His number is up! Once he gets the fact that you're not going to reward him for being a snot, he'll figure it out in a hurry.

Unknown said...

This was a really great post! I do get embarrassed when my horse gets hot and ready to go. There is so much crap about barrel racers not being able to ride and ruining horses and for sure some of that is deserved, but when my horse is "up" I want to shut her down to prove that I am a good horsewoman, that my horses's brain isn't fried from barrel racing, that my horse isn't 'one of those' horses. It's really dumb to care about what I look like, and what others might say about me, but I haven't quite let go of that yet. A little more seasoning and I should get there. :)
It's also really difficult for me to maintain a little emotional and mental distance from my horse. I only ride and compete on one mare- so I get too emotionally involved, making excuses for her, agonizing over whether or not a problem is physical or attitude. I'm in the weird spot of going from 'trainer' to 'competitor'.
Anyways, just wanted to say what a great post this is, and I really enjoy reading your thought processes as you deal with different issues. Valuable stuff!

RuckusButt said...

I really enjoyed reading this and thinking about it in your words. You have made me very happy I have the coach I do, as she deals with Armani's resistance in this way. Not with anger but with persistence. He can fuss and be resistant and she continues to work him through it, offering a place of softness but not giving in to him until he yields into that place. She doesn't change what she asks and he doesn't get the release until he does what he's been asked.

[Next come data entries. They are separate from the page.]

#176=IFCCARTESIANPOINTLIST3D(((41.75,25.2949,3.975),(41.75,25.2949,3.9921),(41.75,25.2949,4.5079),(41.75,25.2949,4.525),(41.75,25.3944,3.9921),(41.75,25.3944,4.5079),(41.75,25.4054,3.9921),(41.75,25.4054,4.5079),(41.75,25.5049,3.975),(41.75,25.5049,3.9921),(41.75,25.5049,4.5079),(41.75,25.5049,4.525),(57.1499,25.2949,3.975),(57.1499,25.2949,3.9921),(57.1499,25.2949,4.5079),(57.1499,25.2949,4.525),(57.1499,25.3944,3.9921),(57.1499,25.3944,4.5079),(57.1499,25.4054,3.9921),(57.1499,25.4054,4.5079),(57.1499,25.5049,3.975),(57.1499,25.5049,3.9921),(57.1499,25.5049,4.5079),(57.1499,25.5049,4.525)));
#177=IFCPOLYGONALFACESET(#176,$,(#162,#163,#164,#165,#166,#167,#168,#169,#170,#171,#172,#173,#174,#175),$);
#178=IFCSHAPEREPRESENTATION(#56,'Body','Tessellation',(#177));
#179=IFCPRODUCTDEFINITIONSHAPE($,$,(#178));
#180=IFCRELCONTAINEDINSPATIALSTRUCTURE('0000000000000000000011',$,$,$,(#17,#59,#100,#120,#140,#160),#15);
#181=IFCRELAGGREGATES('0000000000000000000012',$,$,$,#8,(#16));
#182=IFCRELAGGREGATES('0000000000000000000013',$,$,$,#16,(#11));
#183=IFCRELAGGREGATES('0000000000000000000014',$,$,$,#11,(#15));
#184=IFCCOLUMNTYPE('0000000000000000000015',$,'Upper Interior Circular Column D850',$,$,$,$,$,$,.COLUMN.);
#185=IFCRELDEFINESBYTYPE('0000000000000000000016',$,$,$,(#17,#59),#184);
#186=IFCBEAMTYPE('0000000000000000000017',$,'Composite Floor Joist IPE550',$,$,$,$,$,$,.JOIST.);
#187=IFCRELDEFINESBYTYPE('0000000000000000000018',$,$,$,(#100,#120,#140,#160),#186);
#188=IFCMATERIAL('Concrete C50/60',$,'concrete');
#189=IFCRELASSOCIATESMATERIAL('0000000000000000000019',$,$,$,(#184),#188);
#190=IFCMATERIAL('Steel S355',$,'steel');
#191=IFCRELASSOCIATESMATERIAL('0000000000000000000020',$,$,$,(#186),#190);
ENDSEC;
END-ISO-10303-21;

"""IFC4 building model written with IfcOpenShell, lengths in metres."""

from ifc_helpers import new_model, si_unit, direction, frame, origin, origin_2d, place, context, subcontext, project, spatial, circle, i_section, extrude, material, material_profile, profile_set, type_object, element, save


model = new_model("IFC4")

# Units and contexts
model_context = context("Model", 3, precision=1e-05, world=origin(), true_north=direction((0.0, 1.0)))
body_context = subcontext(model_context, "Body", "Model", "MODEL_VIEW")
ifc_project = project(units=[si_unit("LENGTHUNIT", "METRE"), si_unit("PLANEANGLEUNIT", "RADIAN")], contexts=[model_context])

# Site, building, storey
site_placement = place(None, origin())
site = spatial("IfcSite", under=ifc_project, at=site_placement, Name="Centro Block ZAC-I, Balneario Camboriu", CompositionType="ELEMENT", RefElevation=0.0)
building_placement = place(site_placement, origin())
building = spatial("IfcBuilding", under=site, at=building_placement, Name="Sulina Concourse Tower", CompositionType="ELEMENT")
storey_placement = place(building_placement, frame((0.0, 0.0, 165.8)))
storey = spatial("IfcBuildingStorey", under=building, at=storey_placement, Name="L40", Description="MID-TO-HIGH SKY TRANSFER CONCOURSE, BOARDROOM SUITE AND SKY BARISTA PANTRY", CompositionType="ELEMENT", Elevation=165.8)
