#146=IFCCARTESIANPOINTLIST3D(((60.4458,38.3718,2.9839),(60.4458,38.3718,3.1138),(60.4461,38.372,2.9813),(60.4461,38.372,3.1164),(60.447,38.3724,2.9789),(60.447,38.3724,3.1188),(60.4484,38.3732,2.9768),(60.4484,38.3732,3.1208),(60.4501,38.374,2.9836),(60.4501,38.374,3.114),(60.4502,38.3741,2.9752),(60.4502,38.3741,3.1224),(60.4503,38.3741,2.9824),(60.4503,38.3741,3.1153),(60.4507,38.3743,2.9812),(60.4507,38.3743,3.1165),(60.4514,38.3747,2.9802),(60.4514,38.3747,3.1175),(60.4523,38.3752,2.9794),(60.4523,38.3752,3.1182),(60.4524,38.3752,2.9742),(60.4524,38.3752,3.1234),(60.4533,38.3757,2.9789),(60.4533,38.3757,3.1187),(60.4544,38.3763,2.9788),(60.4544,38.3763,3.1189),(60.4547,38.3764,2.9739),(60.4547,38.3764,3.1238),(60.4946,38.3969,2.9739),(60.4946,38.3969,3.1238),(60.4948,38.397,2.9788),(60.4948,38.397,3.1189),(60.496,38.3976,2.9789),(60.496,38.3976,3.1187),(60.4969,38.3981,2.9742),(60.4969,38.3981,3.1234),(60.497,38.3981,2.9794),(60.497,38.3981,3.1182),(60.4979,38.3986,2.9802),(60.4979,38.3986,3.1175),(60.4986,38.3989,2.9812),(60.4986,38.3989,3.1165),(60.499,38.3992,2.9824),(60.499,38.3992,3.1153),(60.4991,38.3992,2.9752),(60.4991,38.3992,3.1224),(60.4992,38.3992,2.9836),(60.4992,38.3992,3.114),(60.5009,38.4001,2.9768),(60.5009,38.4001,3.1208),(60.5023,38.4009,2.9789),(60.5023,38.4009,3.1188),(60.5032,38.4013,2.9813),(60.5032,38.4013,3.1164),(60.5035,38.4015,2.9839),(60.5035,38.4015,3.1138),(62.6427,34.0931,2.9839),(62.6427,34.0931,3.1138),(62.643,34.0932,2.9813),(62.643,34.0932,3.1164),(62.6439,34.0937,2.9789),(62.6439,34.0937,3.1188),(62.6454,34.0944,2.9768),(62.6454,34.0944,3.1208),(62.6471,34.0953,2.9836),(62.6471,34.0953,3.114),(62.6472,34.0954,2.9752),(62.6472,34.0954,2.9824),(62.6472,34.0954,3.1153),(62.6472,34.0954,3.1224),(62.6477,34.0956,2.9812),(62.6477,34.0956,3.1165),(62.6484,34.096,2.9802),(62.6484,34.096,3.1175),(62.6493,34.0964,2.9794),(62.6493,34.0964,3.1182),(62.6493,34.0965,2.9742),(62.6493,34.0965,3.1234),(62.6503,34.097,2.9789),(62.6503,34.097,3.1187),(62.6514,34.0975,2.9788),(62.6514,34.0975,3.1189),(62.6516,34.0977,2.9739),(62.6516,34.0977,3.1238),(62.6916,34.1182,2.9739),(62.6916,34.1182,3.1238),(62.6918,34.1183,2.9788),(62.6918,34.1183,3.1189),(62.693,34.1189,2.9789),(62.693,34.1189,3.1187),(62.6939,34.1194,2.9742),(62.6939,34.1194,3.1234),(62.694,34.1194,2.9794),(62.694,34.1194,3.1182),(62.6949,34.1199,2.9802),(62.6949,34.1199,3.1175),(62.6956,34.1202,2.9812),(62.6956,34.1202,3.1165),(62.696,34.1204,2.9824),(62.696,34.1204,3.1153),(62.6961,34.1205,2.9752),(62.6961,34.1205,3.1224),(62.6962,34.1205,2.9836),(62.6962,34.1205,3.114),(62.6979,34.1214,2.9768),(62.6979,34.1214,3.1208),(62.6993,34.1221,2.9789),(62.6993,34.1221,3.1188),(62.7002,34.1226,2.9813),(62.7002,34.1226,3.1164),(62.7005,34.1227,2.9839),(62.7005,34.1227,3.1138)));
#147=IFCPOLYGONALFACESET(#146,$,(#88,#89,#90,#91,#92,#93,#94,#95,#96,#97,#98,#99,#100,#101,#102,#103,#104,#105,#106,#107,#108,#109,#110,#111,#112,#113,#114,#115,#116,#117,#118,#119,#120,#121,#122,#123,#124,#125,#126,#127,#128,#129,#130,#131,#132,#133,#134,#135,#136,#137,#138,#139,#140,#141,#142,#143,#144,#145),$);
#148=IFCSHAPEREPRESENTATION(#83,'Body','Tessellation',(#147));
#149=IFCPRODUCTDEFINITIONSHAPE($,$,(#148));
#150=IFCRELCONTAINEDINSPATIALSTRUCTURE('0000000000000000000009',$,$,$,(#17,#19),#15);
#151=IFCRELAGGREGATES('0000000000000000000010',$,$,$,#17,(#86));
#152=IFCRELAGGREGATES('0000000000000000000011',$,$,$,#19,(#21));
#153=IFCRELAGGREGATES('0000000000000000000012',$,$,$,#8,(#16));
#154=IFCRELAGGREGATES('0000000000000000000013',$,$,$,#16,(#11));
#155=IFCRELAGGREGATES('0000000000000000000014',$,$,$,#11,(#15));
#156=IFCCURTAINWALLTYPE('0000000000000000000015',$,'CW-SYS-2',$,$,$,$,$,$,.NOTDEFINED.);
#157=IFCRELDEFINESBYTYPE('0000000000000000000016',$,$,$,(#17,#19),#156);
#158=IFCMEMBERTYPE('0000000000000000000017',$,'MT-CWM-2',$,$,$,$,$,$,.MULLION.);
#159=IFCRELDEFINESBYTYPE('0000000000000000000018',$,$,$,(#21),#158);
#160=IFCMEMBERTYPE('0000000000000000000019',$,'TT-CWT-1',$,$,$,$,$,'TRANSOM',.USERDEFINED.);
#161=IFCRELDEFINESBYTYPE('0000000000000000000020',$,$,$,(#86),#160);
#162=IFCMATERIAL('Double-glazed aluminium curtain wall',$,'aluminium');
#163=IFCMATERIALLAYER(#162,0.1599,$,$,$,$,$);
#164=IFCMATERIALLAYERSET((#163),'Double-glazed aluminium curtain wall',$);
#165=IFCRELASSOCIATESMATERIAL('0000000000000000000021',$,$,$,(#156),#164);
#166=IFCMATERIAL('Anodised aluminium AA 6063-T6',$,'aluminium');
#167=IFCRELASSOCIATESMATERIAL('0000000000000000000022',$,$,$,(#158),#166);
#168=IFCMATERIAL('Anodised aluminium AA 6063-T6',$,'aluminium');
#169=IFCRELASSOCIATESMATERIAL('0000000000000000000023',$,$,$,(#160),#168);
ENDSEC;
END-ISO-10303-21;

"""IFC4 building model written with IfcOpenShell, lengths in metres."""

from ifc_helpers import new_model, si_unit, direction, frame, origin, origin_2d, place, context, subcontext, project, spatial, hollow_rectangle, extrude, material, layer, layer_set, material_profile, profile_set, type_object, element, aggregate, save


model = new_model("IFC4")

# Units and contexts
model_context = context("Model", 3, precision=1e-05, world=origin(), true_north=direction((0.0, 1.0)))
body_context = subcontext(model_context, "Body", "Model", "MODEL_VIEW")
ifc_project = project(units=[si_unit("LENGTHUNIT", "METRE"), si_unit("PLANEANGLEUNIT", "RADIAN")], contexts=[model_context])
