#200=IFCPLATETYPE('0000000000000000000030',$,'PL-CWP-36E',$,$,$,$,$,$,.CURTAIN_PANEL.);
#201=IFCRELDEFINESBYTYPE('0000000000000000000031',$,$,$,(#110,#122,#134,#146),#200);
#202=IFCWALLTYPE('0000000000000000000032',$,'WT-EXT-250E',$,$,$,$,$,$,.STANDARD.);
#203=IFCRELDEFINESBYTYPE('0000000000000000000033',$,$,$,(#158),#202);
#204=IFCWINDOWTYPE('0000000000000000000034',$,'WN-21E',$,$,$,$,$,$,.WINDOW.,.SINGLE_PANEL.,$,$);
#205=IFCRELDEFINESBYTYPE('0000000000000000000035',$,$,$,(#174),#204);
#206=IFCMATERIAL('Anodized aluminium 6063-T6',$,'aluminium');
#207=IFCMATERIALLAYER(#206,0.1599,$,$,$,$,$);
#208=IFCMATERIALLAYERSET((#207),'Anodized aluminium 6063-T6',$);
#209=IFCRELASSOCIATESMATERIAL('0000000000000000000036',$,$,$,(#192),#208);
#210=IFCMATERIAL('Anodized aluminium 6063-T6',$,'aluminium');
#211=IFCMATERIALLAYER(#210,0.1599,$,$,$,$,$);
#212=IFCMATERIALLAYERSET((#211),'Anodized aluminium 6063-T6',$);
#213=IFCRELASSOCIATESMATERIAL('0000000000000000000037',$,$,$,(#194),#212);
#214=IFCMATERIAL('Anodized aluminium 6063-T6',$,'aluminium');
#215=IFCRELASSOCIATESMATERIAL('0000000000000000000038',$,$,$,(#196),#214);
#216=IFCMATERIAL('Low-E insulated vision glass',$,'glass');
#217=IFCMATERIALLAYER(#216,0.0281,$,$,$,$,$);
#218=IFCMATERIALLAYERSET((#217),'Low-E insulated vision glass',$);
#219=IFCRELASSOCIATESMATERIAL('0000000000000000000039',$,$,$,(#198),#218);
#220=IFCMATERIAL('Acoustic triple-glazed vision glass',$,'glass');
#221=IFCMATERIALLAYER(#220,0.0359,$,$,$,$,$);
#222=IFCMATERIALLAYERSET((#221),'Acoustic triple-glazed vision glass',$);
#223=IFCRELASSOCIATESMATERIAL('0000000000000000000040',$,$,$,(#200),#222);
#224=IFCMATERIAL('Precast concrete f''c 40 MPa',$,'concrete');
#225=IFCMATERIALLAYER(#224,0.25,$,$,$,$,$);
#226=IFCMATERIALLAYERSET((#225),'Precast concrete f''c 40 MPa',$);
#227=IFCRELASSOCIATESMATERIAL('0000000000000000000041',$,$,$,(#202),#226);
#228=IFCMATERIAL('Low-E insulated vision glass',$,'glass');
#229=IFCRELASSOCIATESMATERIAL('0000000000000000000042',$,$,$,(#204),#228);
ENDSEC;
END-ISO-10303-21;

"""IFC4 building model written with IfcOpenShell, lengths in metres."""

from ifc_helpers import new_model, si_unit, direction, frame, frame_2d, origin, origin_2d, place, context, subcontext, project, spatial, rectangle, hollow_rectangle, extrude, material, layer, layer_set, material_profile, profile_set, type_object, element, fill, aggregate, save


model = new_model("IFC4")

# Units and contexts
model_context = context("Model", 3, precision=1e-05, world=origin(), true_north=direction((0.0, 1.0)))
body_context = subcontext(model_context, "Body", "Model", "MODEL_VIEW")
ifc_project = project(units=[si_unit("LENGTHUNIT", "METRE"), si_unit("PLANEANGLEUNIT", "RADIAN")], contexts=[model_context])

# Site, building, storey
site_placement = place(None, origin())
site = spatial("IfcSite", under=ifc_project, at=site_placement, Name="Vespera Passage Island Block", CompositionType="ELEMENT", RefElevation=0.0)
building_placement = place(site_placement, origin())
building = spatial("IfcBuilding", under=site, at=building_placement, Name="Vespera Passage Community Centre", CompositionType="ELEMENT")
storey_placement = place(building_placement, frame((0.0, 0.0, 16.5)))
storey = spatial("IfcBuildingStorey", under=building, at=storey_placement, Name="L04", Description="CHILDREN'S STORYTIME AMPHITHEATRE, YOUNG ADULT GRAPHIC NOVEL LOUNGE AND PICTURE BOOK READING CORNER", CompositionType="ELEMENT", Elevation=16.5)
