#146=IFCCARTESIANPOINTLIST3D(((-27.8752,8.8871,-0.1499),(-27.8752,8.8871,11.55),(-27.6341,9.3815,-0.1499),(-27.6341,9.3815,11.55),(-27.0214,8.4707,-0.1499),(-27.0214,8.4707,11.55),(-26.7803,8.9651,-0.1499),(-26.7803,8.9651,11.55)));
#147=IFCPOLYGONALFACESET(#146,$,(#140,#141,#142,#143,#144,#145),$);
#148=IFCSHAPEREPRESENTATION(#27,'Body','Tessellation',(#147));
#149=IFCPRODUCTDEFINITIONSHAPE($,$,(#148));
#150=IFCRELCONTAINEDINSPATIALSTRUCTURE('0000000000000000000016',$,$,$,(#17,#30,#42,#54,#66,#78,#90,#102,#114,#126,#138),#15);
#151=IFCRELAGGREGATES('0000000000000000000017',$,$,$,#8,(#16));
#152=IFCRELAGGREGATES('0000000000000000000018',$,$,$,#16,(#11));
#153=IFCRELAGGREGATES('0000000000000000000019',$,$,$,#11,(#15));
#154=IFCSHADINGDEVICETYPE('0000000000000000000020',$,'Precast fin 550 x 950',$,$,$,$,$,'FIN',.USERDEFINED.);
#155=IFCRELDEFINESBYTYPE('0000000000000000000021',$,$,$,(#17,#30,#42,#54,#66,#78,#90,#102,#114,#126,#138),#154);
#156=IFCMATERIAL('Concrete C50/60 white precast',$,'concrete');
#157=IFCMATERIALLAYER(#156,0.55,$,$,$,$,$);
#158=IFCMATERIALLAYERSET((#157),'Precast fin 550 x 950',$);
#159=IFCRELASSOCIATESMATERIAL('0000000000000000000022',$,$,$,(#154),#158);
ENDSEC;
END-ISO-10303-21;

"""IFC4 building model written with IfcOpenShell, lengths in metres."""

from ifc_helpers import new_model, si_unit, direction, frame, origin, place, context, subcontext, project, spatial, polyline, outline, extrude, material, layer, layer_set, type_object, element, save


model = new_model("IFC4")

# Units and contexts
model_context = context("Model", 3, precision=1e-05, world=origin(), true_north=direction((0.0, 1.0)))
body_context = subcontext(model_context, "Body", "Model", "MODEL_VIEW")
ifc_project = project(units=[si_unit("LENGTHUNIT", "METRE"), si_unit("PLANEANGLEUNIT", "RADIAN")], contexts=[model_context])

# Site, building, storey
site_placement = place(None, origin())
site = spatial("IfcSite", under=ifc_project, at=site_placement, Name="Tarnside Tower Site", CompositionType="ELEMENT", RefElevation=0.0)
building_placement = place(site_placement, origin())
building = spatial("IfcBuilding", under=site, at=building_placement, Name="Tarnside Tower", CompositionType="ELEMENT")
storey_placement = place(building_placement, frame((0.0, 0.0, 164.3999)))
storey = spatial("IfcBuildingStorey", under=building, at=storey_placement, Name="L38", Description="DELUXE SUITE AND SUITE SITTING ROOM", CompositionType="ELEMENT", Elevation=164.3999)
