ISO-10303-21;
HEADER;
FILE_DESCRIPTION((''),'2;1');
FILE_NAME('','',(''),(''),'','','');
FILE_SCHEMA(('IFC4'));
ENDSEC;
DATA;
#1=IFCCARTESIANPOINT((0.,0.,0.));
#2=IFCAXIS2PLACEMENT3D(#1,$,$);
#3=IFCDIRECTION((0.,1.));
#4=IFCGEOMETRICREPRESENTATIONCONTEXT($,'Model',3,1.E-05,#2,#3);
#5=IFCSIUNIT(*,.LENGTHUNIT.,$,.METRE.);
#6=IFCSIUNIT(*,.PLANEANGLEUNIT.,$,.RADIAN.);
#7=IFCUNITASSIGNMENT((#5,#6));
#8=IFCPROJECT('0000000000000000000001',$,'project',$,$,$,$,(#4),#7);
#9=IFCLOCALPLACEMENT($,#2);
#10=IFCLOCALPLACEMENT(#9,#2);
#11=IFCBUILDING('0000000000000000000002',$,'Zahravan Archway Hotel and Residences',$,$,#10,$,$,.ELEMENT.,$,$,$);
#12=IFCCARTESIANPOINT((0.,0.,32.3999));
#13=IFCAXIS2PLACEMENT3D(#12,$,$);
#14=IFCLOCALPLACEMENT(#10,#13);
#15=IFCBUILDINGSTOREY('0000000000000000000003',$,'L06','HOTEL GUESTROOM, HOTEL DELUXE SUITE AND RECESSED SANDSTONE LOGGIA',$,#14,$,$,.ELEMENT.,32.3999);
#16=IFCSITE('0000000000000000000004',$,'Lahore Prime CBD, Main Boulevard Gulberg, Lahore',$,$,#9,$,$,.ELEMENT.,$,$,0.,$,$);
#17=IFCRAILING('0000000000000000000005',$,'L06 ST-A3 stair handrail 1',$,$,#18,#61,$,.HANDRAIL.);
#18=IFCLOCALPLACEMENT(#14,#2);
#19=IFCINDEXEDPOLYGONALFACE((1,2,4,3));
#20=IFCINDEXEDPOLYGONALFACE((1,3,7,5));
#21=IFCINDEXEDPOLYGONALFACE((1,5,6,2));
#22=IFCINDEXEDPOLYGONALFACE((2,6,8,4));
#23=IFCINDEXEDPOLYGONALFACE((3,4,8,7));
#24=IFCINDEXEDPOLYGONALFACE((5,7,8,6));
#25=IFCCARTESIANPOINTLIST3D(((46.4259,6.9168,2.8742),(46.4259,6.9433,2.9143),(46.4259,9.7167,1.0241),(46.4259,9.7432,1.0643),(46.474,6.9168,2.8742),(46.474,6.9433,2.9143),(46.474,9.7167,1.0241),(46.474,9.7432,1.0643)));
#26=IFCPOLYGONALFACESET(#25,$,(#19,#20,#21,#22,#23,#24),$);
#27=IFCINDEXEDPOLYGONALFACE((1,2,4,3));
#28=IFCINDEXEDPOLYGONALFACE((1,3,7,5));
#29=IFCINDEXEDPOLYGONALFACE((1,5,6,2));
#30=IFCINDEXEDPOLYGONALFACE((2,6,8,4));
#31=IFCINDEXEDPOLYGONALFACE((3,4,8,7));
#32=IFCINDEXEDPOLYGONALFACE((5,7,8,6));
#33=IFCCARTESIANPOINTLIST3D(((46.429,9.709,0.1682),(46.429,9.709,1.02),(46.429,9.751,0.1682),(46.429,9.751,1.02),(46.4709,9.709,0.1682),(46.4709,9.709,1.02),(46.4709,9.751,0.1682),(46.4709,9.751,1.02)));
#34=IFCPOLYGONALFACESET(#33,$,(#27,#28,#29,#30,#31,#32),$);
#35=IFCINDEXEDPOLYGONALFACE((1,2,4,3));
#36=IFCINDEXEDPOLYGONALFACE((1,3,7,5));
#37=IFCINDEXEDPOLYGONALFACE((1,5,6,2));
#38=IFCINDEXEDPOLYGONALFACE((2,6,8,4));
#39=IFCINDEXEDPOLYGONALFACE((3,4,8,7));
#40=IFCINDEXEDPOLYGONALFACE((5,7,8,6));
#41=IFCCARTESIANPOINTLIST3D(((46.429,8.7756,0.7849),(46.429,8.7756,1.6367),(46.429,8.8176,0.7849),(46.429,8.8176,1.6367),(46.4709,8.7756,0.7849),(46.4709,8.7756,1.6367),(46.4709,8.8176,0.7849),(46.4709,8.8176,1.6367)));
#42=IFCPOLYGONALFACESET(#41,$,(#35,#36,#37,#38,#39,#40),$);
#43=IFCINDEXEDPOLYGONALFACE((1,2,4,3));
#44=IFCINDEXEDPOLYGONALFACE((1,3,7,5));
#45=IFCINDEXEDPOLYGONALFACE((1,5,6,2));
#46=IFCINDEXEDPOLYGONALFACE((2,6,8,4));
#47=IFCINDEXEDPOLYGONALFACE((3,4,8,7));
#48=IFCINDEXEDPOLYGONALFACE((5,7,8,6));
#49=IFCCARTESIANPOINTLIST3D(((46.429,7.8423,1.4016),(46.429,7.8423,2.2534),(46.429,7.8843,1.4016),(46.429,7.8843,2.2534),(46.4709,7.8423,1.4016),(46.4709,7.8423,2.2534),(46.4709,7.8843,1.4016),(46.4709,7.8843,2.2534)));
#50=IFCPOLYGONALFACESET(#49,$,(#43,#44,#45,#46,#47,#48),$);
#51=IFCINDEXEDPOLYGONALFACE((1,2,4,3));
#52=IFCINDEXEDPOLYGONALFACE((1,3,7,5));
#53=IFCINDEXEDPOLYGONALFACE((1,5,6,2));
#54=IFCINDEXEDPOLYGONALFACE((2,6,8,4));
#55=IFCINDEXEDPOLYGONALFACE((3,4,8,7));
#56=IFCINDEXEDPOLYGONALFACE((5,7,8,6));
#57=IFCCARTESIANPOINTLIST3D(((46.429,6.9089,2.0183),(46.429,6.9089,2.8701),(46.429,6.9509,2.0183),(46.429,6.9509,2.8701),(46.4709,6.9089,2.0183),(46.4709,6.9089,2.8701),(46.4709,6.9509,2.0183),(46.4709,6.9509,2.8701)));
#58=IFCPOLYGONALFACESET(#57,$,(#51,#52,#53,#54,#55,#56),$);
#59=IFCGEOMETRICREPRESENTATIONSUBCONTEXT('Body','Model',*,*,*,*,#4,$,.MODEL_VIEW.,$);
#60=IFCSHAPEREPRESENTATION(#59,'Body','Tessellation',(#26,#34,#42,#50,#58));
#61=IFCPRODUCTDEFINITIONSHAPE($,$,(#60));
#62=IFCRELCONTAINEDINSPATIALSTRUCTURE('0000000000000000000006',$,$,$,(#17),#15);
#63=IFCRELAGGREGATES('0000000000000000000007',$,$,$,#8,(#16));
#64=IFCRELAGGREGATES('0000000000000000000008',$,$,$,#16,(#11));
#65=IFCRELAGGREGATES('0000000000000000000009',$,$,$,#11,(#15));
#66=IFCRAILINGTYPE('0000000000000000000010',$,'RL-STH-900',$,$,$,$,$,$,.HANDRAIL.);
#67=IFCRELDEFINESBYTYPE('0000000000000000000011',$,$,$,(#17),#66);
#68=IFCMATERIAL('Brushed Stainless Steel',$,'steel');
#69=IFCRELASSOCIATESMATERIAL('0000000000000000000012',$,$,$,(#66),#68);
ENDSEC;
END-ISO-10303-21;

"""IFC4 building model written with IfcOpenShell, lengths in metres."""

from ifc_helpers import new_model, si_unit, direction, frame, origin, origin_2d, place, context, subcontext, project, spatial, rectangle, extrude, material, type_object, element, save


model = new_model("IFC4")

# Units and contexts
model_context = context("Model", 3, precision=1e-05, world=origin(), true_north=direction((0.0, 1.0)))
body_context = subcontext(model_context, "Body", "Model", "MODEL_VIEW")
ifc_project = project(units=[si_unit("LENGTHUNIT", "METRE"), si_unit("PLANEANGLEUNIT", "RADIAN")], contexts=[model_context])

# Site, building, storey
site_placement = place(None, origin())
site = spatial("IfcSite", under=ifc_project, at=site_placement, Name="Lahore Prime CBD, Main Boulevard Gulberg, Lahore", CompositionType="ELEMENT", RefElevation=0.0)
building_placement = place(site_placement, origin())
building = spatial("IfcBuilding", under=site, at=building_placement, Name="Zahravan Archway Hotel and Residences", CompositionType="ELEMENT")
storey_placement = place(building_placement, frame((0.0, 0.0, 32.3999)))
storey = spatial("IfcBuildingStorey", under=building, at=storey_placement, Name="L06", Description="HOTEL GUESTROOM, HOTEL DELUXE SUITE AND RECESSED SANDSTONE LOGGIA", CompositionType="ELEMENT", Elevation=32.3999)

# Shared definitions
ifc_material_1 = material(Name="Brushed Stainless Steel", Category="steel")

# Railing
railing_type_1 = type_object("IfcRailingType", Name="RL-STH-900", PredefinedType="HANDRAIL", material=ifc_material_1)
for number, where, name in (
    (1, (46.45, 9.73, 0.1682), "L06 ST-A3 stair handrail 1"),
):
    element("IfcRailing", number, at=place(storey_placement, frame(where)), inside=storey, type_object=railing_type_1, Name=name, PredefinedType="HANDRAIL", context=body_context, shape_type="SweptSolid", body=[
        extrude(rectangle(XDim=0.0481, YDim=0.0481, at=origin_2d()), frame((0.0, 0.0, 0.876), z_axis=(0.0, -0.834326, 0.551271), x_axis=(1.0, 0.0, 0.0)), (0.0, 0.0, 1.0), 3.356),
        extrude(rectangle(XDim=0.042, YDim=0.042, at=origin_2d()), origin(), (0.0, 0.0, 1.0), 0.8518),
        extrude(rectangle(XDim=0.042, YDim=0.042, at=origin_2d()), frame((0.0, -0.9333, 0.6167)), (0.0, 0.0, 1.0), 0.8518),
        extrude(rectangle(XDim=0.042, YDim=0.042, at=origin_2d()), frame((0.0, -1.8667, 1.2334)), (0.0, 0.0, 1.0), 0.8518),
        extrude(rectangle(XDim=0.042, YDim=0.042, at=origin_2d()), frame((0.0, -2.8, 1.8501)), (0.0, 0.0, 1.0), 0.8518),
    ])

save(model, "model.ifc")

I have been less consistent and have realized it over the winter. I try but usually give in to be "nice". The inconsistency is anything but nice to him, really. So I've been working on it with an enlightened perspective.

Even on the ground, I'm making him deal with his anxiety as best as I can figure out how to. Usually after Saturday lessons he is tired and quiet but he was worried about the garage door at the end of the barn being open (finally warm enough) and he could see the turnout w two new horses in it. He wouldn't settle and was trying to barrel through me. I asked with reasonable firmness for him to stand, then when he tried to drag me off, I lit up just as big and backed him the eff up. I actually yelled at him while I was backing him, "You need to learn to Deal.With.Your.Shit" Suddenly he was paying attention to me and was calm the rest of my time with him. Still had an eye on the new horses and that's fine, but it didn't affect where his body was, which is what I was asking.

I didn't break down the thinking that much at the time. But after reading your post it makes a lot of sense.

Shirley said...

Another great post, BEC, and especially interesting to me as we just had Rio at a Jim Anderson clinic and focused on dealing with his resistance. He was pretty used to us shutting him down when he ramped up instead of making him work through it, and Jim gave us some things to work on to change that.